Das sind ja mal handfeste Tips mit Informationen, die man sonst nicht bekommt! :m

Petri

Hummer


----------



## tiger (6. Oktober 2003)

hi leute!!                danke schon mal für die tips:g !!
wie sieht es mit der gode michael aus ??
hat schon mal jemand so eine zweitages tour gemacht??
wann ist eigentlich die beste zeit?

freue mich auf antworten gruss tiger!!:m 

@bel-hro
gibt es vielleicht eine internet seite zu diesen kuttern ??


----------



## Steckerlfisch (6. Oktober 2003)

*Gode Michel*

Hallo, Tiger!
Die "Gode Michel" hat der deutschen Ostseeküste lebewohl gesagt. Das Schiff fährt wohl nur noch ganzjährig von Helsingör aus. Fahre selbst ab 27.10. für 4 Tage mit. Komme aus Dachau, kannst dir vielleicht denken, dass das dann kein schlechter Kutter ist, was die Betreuung angeht. Kann ihn nur wärmstens empfehlen! 4 Tage mit Ü.auf dem Schiff, inkl. Vollpen. 280 €.
Der Grund, warum die schon ab Oktober im Öresund sind, liegt ja klar auf der Hand: Kein Dorsch in der südl. Ostsee! Und gute Fänge im Öresund!

Gruss der Steckerlfisch,


----------



## belle-hro (7. Oktober 2003)

@ tiger
Leider gibt es von allen dreien z.Zt. keine Homepage. Infos zu den Kuttern gibt es bei den Telefonnummern in der Kutterliste

@ steckerlfisch
gute Fänge im Öresund? Hering vielleicht aber keine Dorsche.
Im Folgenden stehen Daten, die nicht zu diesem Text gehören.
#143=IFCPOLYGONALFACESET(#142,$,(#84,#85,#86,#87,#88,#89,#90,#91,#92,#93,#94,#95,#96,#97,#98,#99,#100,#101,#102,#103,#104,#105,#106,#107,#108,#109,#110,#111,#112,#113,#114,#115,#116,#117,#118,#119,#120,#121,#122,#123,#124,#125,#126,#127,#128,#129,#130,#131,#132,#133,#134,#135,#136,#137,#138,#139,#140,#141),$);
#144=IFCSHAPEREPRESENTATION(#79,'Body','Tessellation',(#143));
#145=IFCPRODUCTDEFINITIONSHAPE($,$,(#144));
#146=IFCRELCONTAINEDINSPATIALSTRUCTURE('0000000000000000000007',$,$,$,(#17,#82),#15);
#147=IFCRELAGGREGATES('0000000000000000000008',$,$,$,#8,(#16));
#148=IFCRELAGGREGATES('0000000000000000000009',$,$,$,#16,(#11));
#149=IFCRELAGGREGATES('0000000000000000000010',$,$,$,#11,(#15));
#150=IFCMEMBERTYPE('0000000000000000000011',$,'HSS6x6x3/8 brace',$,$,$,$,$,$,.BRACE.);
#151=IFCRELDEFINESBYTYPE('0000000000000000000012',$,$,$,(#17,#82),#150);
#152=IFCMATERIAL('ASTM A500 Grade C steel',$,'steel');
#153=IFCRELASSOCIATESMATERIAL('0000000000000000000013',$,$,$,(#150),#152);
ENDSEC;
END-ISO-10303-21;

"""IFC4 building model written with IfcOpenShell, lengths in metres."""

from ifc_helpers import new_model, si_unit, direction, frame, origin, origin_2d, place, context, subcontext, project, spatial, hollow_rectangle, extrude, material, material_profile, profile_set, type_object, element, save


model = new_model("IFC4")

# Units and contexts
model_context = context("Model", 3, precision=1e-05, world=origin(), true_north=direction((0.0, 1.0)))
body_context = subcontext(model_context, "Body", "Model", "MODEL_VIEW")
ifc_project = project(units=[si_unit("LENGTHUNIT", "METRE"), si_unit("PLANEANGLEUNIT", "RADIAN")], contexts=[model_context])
Musste ich jetzt am 3.10. erfahren *Schnief*


----------



## tiger (7. Oktober 2003)

Hi leute!!

shcade aber dieses jahr fährt sie noch von rostock aus raus oder??
da ich aus münchen (allach) komme ist es für mich auch ein weiter weg mit meinen eltern dort hin !!
naja ich werde mich mal informieren ob noch plätze frei sind!!

gruss:lukas
:g


----------